Next time you’re visiting lawmakers in Nashville, bring your gun.
Leading state lawmakers said Wednesday that it’s now totally O.K. for gun carry permit holders to bring guns with them in the new legislative offices in Nashville.
“Tennessee carry permit holders are among the most law-abiding demographics in our state,” Lieut. Gov. Randy McNally and House Speaker Beth Harwell said in a joint statement Wednesday.
To carry a gun in the building, carry permit holders must submit their permits. Those permits will be given a “thorough screening process.”
“Once that validity is established, a permit holder will be allowed to exercise their Second Amendment rights while visiting their state government,” reads the joint statement.

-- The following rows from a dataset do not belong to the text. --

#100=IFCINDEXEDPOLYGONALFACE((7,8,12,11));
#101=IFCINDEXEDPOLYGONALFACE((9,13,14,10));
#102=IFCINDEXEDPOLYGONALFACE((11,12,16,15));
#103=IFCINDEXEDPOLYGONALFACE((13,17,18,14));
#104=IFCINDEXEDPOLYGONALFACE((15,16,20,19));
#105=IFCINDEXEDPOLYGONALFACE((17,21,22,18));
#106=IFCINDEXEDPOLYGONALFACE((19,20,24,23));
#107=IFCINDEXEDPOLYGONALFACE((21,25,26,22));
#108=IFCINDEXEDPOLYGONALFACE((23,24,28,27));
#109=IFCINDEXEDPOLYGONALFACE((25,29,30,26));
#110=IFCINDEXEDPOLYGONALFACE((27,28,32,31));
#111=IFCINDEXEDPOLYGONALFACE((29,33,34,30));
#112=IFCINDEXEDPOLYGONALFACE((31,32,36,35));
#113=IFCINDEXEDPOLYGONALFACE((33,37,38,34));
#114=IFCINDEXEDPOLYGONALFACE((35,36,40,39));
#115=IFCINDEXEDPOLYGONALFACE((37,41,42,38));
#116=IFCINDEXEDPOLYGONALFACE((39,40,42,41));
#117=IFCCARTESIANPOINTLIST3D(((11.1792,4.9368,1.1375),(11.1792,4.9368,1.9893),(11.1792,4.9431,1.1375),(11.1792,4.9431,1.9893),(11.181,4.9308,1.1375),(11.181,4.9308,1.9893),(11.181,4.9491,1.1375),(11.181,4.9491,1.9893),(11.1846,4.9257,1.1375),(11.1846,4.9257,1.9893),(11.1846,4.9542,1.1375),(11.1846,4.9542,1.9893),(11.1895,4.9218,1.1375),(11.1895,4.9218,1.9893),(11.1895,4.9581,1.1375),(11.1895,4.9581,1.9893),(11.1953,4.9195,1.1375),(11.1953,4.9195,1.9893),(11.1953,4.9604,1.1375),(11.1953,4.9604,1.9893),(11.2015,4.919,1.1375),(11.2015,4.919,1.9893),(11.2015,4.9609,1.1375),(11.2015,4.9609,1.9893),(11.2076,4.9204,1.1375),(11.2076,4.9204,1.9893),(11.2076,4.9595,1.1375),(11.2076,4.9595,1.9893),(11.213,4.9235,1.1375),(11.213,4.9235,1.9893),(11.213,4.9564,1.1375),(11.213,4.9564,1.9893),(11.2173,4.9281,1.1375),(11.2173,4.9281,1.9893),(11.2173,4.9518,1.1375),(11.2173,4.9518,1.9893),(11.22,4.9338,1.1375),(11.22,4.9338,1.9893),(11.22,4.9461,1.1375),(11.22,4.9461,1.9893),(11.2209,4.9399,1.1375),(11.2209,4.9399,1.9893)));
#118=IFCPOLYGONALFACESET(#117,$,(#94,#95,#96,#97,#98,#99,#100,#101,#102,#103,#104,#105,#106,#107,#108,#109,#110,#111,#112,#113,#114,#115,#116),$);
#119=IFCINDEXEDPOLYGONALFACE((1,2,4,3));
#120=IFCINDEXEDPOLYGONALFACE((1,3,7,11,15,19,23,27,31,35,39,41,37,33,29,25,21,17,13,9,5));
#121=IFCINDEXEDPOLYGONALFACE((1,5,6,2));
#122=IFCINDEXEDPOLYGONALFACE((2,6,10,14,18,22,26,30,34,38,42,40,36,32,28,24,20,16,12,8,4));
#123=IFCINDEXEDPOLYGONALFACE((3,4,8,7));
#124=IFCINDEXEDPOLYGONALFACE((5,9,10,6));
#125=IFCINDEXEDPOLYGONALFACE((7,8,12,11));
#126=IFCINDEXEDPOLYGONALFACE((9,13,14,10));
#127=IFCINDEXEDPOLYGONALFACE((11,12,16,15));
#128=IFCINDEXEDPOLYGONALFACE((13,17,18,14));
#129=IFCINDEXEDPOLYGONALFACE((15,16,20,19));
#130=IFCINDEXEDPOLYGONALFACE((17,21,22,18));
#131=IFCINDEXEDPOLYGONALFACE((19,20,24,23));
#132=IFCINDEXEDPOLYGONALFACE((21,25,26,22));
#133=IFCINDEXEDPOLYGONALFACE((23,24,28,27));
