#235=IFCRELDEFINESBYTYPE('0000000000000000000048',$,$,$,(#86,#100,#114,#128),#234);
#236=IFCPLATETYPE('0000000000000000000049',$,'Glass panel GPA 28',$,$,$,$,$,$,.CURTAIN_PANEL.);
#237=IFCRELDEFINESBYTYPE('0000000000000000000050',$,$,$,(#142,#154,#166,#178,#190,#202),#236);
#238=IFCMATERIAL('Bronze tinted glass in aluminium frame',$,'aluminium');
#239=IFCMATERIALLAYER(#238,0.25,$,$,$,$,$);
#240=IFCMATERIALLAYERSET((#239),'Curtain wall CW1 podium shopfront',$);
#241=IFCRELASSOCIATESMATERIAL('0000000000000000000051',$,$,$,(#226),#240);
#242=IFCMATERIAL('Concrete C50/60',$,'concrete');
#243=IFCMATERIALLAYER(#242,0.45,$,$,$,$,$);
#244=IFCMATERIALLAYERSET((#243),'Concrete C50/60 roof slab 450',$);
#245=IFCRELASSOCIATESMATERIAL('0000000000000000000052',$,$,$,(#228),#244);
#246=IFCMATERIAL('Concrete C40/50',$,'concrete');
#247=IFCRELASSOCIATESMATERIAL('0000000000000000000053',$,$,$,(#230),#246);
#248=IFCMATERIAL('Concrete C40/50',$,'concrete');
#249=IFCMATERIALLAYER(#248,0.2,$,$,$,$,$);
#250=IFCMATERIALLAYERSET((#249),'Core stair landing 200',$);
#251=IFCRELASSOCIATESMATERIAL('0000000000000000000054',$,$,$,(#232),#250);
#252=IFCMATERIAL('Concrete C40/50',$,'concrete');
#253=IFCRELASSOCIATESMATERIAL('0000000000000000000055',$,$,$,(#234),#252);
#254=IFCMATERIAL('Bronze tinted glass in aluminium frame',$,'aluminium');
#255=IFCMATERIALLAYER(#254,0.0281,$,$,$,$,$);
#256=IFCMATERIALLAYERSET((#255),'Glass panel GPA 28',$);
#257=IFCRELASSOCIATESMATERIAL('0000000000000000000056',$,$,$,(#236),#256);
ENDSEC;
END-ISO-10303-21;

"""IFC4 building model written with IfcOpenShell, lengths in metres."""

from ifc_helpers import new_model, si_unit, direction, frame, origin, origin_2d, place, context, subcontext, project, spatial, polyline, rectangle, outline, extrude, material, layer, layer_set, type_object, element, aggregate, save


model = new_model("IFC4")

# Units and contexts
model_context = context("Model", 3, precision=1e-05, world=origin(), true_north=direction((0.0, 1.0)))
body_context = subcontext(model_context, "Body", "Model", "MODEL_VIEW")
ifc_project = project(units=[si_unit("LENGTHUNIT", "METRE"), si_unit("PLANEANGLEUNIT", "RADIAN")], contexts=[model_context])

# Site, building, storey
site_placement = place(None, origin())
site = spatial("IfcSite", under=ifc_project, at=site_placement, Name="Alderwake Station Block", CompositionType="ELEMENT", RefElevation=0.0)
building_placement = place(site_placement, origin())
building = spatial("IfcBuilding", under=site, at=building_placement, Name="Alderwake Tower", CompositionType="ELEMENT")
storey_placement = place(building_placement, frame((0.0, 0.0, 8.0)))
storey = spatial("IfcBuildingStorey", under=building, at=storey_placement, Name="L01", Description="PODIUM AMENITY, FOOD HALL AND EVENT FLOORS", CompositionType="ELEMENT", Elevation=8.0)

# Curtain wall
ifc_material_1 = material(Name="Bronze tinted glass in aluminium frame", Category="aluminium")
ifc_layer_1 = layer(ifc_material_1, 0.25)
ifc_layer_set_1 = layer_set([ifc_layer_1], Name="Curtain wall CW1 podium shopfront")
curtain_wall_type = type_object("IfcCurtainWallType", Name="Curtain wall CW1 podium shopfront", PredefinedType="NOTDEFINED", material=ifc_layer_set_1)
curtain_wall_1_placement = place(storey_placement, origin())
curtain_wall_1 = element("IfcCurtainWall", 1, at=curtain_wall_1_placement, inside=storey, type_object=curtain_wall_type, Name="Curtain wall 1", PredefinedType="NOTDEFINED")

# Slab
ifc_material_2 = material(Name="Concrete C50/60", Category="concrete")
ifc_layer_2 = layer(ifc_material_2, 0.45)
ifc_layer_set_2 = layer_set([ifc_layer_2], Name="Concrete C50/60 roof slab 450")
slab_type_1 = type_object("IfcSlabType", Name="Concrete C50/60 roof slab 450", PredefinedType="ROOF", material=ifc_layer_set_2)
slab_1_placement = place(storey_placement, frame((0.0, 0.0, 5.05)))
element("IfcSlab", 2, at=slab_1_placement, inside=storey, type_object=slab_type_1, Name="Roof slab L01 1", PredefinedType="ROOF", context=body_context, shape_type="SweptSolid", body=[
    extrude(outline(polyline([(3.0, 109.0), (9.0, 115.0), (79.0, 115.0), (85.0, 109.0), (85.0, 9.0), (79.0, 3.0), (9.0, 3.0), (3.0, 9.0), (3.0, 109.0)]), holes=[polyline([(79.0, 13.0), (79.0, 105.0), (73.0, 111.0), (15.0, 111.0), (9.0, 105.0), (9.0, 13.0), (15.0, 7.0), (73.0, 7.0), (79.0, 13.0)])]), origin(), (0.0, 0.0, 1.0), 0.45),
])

John Harris, executive director of the Tennessee Firearms Association, said the move was “welcomed but unexpected” and he had some questions. Like, would state employees now be able to carry in the Capitol?
“It is believed that for years the legislative leaders and the Tennessee Highway Patrol have ‘looked the other way’ when elected officials (such as legislators) carried personal firearms in the legislature despite the posted ban,” Harris said in a statement, noting the violation is a Class B misdemeanor.
Harris also wondered why this took so long?
“The question remains as to why Tennessee, which has been subject to a Republican governor, a Republican Lt. Governor, a Republican Speaker and which has had super majorities of Republicans in both houses of its legislature since at least 2011, has failed to take this step in the past but has instead treated handgun permit holders as perhaps ‘too dangerous’ to trust around the lawmakers for the last seven years,” Harris wrote.